I have an urge to defend my former stomping grounds based off some of the comments seen above. Reminds me of the days following graduation when we begin to work our way into the mix with the other new officers only to find a deep resentment of academy grads. I don't care about the reasons why or the ignorance behind most of the comments. I would like to say that very much like every other officer program (OCS, ROTC....) USNA has its good and bad products.
While everyone is quick to dump on this kid (still learning by the way), I must say that they have already proven to me that they are probably pretty good at multi-tasking. Thats worth something right?
Careerism takes care of the conscience...
...in most cases.
It's the rare civilian or service member who will place conscience before career/pension/post-retirement income. The past 60 to 100 years of American government history is filled with stories of people who kept digging the hole beause they were getting paid to dig the hole.
Speaking out usually conincides with planned retirement, or a book. I encourage people to read about that guy who complained about mgt practices at NSA.
The last 10 years make it obvious that the military and the civilian bureaucracy are more imperial arms than republican (small "r"). Empires invade, drop bombs, meddle, spend blood and treasure, and force their values on peoples. Republics treat all states (even the undeserving dictatorships) and peoples with respect and dignity.
Maybe a fifth war will prompt Congress to reassert its responsibilties.

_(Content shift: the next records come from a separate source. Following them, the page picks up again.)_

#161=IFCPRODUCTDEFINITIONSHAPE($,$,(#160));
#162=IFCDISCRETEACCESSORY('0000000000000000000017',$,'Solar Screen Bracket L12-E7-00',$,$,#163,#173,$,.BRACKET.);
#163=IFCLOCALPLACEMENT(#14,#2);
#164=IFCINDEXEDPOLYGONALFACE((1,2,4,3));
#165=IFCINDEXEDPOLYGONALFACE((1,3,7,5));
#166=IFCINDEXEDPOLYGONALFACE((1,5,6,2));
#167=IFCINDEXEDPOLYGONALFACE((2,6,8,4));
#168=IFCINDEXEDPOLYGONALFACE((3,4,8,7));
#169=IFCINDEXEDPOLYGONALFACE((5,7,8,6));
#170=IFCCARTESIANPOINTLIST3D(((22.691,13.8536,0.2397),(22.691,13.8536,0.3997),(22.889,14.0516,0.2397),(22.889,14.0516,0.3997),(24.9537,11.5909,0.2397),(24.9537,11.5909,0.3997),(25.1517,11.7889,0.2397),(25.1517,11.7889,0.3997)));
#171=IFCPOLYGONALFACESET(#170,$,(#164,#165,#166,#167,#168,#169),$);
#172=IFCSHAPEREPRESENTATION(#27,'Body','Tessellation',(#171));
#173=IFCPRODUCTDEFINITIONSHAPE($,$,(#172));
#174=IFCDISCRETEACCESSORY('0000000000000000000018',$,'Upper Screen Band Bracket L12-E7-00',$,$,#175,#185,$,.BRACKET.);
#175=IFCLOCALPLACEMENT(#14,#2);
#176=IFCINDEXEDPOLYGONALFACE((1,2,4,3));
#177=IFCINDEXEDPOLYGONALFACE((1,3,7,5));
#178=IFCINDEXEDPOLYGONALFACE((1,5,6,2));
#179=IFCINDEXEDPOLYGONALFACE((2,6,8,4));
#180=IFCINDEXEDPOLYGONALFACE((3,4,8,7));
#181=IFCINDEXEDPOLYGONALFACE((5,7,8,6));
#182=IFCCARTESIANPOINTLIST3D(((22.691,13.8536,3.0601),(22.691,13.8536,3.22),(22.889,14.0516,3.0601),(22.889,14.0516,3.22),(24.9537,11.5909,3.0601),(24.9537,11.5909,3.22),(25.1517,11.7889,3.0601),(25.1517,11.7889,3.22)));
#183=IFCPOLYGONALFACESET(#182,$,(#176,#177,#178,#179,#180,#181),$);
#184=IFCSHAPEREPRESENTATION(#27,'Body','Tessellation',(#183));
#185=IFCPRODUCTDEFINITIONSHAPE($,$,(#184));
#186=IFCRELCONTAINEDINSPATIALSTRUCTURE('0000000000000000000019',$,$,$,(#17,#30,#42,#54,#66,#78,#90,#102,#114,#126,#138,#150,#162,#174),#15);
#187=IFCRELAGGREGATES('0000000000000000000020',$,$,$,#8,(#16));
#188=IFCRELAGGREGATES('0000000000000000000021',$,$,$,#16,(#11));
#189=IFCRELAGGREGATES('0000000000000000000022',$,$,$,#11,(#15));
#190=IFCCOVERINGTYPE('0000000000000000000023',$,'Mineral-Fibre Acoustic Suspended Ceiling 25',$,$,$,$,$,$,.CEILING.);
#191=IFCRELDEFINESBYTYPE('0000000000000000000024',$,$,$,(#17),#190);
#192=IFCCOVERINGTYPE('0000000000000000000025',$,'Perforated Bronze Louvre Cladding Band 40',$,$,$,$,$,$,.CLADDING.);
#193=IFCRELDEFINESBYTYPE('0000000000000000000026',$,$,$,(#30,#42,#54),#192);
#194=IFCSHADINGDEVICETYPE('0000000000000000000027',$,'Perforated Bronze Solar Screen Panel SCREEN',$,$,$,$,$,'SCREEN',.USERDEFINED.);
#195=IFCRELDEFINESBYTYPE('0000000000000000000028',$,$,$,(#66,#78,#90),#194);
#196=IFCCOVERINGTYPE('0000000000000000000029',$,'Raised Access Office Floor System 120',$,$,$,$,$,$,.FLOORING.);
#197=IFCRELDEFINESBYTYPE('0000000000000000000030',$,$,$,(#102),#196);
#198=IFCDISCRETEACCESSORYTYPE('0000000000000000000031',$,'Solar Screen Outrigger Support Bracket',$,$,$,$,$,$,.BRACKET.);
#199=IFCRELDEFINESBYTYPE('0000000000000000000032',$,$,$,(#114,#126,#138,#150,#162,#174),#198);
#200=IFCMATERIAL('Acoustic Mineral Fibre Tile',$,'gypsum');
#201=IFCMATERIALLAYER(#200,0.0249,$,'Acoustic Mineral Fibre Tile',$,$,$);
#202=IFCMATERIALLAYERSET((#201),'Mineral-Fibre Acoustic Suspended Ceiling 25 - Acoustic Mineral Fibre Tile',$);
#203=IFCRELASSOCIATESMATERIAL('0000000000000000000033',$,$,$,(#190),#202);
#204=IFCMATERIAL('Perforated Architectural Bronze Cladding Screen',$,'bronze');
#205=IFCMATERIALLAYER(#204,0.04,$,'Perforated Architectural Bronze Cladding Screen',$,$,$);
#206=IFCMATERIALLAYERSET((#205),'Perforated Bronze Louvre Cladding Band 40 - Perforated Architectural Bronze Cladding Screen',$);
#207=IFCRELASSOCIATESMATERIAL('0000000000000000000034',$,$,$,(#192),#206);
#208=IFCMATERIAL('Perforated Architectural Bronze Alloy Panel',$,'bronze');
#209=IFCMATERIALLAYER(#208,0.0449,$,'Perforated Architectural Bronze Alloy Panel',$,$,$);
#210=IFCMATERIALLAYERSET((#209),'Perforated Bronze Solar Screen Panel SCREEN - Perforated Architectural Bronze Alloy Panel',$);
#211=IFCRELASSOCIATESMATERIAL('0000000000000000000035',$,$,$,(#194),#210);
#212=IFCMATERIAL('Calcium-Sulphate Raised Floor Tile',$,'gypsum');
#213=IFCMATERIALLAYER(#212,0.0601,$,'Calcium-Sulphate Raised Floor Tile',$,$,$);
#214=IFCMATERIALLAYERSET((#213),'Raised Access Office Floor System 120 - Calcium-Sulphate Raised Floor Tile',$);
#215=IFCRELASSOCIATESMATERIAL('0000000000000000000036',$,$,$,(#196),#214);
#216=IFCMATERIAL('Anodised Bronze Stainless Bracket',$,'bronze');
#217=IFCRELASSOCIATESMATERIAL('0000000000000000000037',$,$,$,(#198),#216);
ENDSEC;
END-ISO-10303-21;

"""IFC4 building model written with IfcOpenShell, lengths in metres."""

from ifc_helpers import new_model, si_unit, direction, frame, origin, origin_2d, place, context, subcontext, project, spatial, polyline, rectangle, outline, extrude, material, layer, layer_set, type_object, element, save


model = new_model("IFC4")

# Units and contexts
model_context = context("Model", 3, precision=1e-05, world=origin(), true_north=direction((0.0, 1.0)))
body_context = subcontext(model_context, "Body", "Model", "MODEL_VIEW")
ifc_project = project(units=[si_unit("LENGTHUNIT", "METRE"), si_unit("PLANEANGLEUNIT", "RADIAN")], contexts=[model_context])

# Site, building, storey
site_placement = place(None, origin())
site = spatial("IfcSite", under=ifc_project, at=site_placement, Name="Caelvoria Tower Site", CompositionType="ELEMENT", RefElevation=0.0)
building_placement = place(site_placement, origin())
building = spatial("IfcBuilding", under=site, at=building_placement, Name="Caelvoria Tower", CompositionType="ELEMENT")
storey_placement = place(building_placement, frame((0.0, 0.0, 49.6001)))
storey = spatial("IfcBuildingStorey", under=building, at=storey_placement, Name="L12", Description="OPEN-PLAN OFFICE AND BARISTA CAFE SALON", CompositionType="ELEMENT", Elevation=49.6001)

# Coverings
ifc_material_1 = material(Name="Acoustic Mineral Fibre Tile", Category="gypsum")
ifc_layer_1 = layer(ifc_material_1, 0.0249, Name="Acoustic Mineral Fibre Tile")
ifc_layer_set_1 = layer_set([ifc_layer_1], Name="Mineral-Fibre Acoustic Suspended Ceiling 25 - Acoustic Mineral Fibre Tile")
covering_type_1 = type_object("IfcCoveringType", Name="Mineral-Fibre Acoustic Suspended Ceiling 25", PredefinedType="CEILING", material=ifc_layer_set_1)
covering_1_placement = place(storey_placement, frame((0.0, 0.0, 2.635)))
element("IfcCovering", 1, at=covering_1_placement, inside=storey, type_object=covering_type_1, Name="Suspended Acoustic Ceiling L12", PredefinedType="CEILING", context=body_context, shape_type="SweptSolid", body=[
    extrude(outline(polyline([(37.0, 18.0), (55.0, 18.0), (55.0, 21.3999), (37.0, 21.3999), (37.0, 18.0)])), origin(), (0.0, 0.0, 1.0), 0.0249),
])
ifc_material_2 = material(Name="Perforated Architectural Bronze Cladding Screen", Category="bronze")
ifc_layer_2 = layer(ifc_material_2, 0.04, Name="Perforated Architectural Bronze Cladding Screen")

Of a peer of mine at TBS who asked about COIN during one of the classes. The instructor replied, "Listen, we're learning squad assaults on a known objective. Crawl, walk, run..." In both cases, I think the question/argument is getting ahead of the individual's ability, in terms of experience and power to effect action, but who does that hurt? Personally, I'd rather have a boot lieutenant who is reading and thinking about COIN and current events (especially because he ended up being an infantry officer) than one who isn't. I'd rather have a midshipman thinking about what the oath of office means and what his legal and moral responsibilities are than one who isn't. Does anyone think that thoughtful leaders are a bad thing?
"Since the Vietnam War, President's have not felt obliged to seek a Congressional declaration of war before committing American lives to conflicts abroad."

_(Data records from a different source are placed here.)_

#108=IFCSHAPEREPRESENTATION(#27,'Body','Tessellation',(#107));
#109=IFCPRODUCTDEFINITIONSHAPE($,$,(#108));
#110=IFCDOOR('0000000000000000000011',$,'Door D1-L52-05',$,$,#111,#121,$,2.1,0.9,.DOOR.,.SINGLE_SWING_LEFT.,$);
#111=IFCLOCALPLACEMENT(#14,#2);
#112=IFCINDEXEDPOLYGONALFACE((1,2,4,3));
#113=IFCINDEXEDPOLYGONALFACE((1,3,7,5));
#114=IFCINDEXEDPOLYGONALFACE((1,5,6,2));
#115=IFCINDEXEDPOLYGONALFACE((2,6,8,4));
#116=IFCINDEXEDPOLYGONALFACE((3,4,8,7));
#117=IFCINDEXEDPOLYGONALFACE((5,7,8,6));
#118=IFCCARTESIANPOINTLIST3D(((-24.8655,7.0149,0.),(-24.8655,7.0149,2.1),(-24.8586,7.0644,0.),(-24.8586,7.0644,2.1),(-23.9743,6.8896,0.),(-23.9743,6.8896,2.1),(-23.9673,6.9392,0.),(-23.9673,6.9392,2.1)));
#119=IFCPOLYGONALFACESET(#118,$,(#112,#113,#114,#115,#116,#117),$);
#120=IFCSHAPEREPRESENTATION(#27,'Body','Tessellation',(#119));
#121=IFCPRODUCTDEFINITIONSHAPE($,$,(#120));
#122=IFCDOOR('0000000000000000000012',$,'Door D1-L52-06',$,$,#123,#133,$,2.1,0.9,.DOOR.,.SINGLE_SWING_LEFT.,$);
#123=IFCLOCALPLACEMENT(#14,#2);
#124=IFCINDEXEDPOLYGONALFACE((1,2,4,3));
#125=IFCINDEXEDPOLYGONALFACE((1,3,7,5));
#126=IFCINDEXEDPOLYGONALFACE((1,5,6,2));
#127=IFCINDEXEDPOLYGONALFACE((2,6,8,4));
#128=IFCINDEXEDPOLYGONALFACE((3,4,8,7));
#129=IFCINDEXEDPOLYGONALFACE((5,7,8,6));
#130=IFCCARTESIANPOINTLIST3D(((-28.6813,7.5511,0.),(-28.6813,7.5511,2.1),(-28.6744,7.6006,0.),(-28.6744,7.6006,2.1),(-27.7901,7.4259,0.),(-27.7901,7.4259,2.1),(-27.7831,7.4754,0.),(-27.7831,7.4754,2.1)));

I wish this midshipman knew the difference between the posessive form and the plural form.
Walt
While making a conscious effort to withhold the scorn that is already present at appropriate levels, I'll try and address some of the specific points raised:
"Officers of the United States Military take an oath to obey only lawful and constitutional orders and refuse all others." - No, we don't. Don't invent shit. Same as the hooligans that think the military's mission is to "defend freedom."

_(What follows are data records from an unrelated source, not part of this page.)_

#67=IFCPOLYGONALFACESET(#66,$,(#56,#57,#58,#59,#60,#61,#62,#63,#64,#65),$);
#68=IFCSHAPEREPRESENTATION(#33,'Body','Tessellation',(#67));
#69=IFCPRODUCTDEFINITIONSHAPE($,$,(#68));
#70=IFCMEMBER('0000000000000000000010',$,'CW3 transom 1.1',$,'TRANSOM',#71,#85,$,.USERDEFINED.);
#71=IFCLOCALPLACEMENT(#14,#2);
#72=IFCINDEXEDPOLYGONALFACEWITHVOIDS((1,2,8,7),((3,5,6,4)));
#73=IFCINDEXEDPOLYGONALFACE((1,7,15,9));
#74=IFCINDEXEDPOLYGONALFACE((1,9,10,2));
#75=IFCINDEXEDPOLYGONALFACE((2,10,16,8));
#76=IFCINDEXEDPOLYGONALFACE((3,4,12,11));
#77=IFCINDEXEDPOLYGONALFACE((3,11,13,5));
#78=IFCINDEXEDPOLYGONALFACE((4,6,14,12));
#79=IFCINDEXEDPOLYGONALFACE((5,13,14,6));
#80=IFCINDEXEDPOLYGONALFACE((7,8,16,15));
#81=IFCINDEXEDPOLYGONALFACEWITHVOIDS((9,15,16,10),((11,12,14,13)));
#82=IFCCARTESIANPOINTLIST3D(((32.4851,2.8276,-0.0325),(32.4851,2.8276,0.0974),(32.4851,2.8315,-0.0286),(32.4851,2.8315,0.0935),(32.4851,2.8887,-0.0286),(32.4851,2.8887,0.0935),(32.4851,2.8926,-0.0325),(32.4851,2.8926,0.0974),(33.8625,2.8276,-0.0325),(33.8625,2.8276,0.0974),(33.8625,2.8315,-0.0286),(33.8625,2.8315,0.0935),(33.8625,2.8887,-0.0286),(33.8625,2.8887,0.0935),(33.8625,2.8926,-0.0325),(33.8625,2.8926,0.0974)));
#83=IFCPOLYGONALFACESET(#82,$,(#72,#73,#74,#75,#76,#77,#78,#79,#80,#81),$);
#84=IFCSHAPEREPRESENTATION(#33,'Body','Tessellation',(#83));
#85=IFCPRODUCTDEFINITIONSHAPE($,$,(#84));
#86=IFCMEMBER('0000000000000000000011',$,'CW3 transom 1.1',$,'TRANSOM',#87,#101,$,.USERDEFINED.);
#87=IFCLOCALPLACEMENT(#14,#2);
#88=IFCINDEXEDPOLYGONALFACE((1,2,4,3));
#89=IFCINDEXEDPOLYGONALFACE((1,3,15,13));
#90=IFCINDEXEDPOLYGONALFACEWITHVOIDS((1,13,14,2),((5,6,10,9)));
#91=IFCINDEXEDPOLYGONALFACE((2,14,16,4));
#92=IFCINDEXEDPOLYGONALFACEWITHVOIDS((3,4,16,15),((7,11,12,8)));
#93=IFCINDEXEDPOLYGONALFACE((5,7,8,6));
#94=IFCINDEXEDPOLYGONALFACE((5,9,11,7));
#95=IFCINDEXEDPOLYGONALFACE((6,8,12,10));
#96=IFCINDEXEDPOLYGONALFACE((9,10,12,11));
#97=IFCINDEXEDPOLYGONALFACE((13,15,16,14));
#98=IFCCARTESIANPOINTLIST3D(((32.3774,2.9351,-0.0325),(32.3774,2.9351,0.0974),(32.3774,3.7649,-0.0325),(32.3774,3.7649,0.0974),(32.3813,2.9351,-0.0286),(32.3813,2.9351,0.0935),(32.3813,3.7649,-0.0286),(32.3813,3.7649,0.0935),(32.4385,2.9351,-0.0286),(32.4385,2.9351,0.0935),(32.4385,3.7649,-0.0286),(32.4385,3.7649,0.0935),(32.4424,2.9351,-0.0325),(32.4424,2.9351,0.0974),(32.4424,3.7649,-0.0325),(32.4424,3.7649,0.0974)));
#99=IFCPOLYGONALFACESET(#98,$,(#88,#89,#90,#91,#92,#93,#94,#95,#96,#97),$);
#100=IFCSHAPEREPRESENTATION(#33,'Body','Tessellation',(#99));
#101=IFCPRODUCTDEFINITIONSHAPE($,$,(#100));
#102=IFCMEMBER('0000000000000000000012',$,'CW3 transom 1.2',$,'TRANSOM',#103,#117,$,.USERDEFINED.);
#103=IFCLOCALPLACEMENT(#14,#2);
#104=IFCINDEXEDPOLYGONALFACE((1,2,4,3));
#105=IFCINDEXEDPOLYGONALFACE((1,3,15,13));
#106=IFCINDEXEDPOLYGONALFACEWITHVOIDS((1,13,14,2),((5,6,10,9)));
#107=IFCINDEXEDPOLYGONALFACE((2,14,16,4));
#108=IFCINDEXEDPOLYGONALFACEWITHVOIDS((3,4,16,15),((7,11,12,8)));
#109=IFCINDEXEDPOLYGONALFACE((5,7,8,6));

"It is their professional obligation and ethical duty to disobey their orders until constitutional and legal requirements are either changed or met." - Bullshit. You're arguing that no order can be obeyed until it has been proven to an unspecified, ambiguous and personal standard of constitutionality and legality. That's a great way to accomplish a lot of nothing, constitutionally.
"The pressure that a refusal of orders would place on the President would be impossible to ignore. Even if the ensuing legal debate were inconclusive, no President would likely venture to take action which could result in a similar response."
You're suggesting that any 2ndLt, Ensign, or 2LT should be capable of pressuring the Commander in Chief to paralysis. Our ability to act decisively in support of the national interest will be reduced instantly to impotent political bickering by any hooligan wearing a bar.
Not to mention his point that Congress has failed to declare war in some time leads to a bit of a half-truth (as Congress has nonetheless authorized military operations during the mentioned period, even if it did not utilize a formal declaration of war). I am not one who will fault the midshipman for asking questions, but he needs to find greater strength in his arguments if he actually expects to get anywhere with them.
Army just released LTC Terrence Lakin from Leavenworth last month. He was an MD who was a "birther" and refused to go to Afghanistan because he decided Obama was not really CinC.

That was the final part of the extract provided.